# Help from the Cheese people



## robby6pack (Jul 6, 2017)

Hey y'all.  I was trying something new tonight.  SMOKING CHEESE!  Lets just say that keeping my smoker under 90 during the summer in Oklahoma is difficult.  I had no heat turned on, an A-maze-N pellet hopper in the bottom of my MasterBuilt smoker.  I used ice trays to keep it under 90.  All was going well until I slacked off the last 30 minutes.  I came out to see the temp at 120.  The cheese had a wonderful color, but was very soft and had become greasy.  I removed it and wiped the grease off with a paper towel.  I vacuum sealed it and through it in the fridge.  Is it ruined, or am I okay?  Any help or advise is appreciated.  

Thanks,

Robby T


----------



## SmokinAl (Jul 7, 2017)

You should be OK.

But I think I would have let it dry uncovered overnight in the fridge before vac packing it.

Al


----------



## robby6pack (Jul 7, 2017)

Thanks.  Is it too late to do so?  Unpack, wipe down again and re-seal?

I believe that I had a flare up with the A-Maze-N smoker.  Good news is that i found that I get around 11-12 hours of smoke with it.  Went to feed the dogs this morning and was still going.


----------



## hawgrider (Jul 7, 2017)

Robby6pack said:


> Hey y'all.  I was trying something new tonight.  SMOKING CHEESE!  Lets just say that keeping my smoker under 90 during the summer in Oklahoma is difficult.  I had no heat turned on, an A-maze-N pellet hopper in the bottom of my MasterBuilt smoker.  I used ice trays to keep it under 90.  All was going well until I slacked off the last 30 minutes.  I came out to see the temp at 120.  The cheese had a wonderful color, but was very soft and had become greasy.  I removed it and wiped the grease off with a paper towel.  I vacuum sealed it and through it in the fridge.  Is it ruined, or am I okay?  Any help or advise is appreciated.
> 
> Thanks,
> 
> Robby T


Ok first of all you must keep your cheese well under 80 degrees or the oils will rise to the surface and change the texture of the cheese.
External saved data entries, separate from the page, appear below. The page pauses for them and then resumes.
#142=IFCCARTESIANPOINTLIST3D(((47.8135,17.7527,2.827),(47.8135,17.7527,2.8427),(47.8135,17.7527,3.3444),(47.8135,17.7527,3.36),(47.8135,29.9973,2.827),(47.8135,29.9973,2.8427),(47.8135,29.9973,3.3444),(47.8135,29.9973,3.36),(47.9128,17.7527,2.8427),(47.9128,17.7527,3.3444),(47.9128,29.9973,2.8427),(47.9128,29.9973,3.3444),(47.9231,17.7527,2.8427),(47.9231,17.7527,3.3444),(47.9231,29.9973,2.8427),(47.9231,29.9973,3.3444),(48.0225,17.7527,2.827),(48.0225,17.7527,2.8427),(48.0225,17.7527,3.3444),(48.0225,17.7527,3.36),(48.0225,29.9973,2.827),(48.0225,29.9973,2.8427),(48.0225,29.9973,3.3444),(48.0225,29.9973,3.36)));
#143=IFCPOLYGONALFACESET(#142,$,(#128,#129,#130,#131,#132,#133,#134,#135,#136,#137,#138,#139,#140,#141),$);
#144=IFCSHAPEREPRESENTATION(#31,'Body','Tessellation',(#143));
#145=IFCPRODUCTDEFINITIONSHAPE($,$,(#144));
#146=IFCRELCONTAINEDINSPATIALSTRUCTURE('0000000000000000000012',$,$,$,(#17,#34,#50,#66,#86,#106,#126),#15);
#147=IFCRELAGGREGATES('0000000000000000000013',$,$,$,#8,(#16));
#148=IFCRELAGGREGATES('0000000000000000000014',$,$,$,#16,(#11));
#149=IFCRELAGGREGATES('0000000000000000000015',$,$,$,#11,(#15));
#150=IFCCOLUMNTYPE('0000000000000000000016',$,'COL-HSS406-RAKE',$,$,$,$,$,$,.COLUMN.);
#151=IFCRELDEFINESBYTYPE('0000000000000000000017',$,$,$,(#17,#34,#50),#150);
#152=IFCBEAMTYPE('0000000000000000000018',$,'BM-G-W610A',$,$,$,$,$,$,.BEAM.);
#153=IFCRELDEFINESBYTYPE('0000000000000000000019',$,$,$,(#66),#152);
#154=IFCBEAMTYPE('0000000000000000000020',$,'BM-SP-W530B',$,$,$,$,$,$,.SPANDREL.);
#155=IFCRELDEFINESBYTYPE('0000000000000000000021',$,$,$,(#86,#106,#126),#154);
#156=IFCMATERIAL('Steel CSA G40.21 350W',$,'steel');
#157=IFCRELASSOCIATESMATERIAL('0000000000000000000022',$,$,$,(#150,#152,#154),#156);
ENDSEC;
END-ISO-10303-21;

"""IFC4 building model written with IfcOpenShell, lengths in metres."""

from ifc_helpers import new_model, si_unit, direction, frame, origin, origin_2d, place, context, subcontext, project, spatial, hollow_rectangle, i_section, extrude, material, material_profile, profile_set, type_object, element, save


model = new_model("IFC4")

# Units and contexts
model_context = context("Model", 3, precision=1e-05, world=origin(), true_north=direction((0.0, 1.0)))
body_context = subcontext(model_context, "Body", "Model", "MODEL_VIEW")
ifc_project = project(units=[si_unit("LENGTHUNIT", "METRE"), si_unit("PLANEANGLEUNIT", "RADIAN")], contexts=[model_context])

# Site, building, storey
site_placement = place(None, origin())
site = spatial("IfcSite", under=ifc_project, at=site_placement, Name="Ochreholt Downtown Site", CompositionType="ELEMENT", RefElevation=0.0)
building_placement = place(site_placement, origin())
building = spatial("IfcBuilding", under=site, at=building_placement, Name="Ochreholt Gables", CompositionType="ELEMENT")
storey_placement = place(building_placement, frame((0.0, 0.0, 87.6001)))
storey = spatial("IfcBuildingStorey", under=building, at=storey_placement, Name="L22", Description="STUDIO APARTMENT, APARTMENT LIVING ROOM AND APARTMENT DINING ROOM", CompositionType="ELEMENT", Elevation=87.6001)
At 120 degrees your lucky it didn't melt through your racks I've been there 20 years ago and that isn't pretty.

*Another lesson learned with vacuum sealing is-*

*If you vacuum seal down too tight even if your cheese was smoked at cooler temps and you had no oils rising from being to close to 80 degrees the excessive squeeze from the vacuum sealer will also cause the oils to surface on your cheese.* (Ask RubberDuck my smoking buddy another new guy here as of yesterday) He vacuum seals his cheese and had this issue with vacuum sealing.

I just store my cheese wrapped in plastic wrap and then in ziplocks.

90 degrees is way to hot for cheese keep it below 80


----------



## hawgrider (Jul 7, 2017)

SmokinAl said:


> You should be OK.
> 
> *But I think I would have let it dry uncovered overnight in the fridge before vac packing it.*
> 
> Al


Agree-

Yes always let your freshly smoked cheese sit at room temp for several hours before packaging other wise it may sweat and moisture is not a good thing.


----------



## robby6pack (Jul 7, 2017)

20170706_193826.jpg



__ robby6pack
__ Jul 7, 2017


















20170706_203214.jpg



__ robby6pack
__ Jul 7, 2017


















20170707_160305.jpg



__ robby6pack
__ Jul 7, 2017






Here is how it turned out.  Took a piece to work today, and it was delicious, despite the shape.

What I've learned:

Mom nature doesn't want me to smoke cheese around here this time of year.

After smoking cheese, let it cool uncovered in the fridge.

Don't vac seal immediately or too tight. 

Thanks for the advise.  Is there a way other than getting up at 4am when it is only 76 degrees to smoke in the summer?  I was using ice in the tray.  Just use more ice?


----------



## hillbillyrkstr (Jul 7, 2017)

Cheese will be fine. Next time give it a day before vacu sealing it. 

Let that cheese sit sealed up for 2 to 4 weeks before eating it.


----------



## hawgrider (Jul 20, 2017)

hillbillyrkstr said:


> Cheese will be fine. Next time give it a day before vacu sealing it.
> 
> Let that cheese sit sealed up for 2 to 4 weeks before eating it.


2 to 4 weeks- More bad advise. Thats ridicules and poor incorrect information.  

Follow the simple rules and you will be eating your smoked cheese the next day. If you need to wait 4 weeks to eat some cheese you smoked then you screwed it up BAD!

Keep your cheese under 80 degrees.

Smoke your cheese with fruit wood for very tasty results.

Apple and cherry pellets in a smoke tube for up to 7 hours depending on how strong you like your smoke 3 to 5 hours will satisfy most.

Let the cheese cool at room temp for several hours before packaging so it doesn't sweat.

If your cheese isn't edible by the next day then you got it too hot and put to much smoke to it. 

Always smoke your cheese and other items with a light gray smoke never a bellowing blue dark smoke.


----------



## masonsjax (Jul 20, 2017)

Ageing is not bad advice. I've found that smoked cheese gets much better if allowed to rest for several weeks to months. The smoke flavors soften and meld with the cheese flavors and it becomes fantastic. If you're eating it the next day you screwed up BAD!

Just kidding, but just like a good whiskey, smoked cheese gets better with a little age.

Oh, and I use my AMNPS in a remote firebox, like a mailbox mod. So there's very little if any heat in the main chamber. I've used various pellets for cheese. Fruit woods are good on lighter cheeses, but I like a little hickory flavor for more bold cheeses.


----------



## hillbillyrkstr (Jul 20, 2017)

"2 to 4 weeks- More bad advise. Thats ridicules and poor incorrect information."

LMAO!!

Ok bro! I love incorrect, corrections.


----------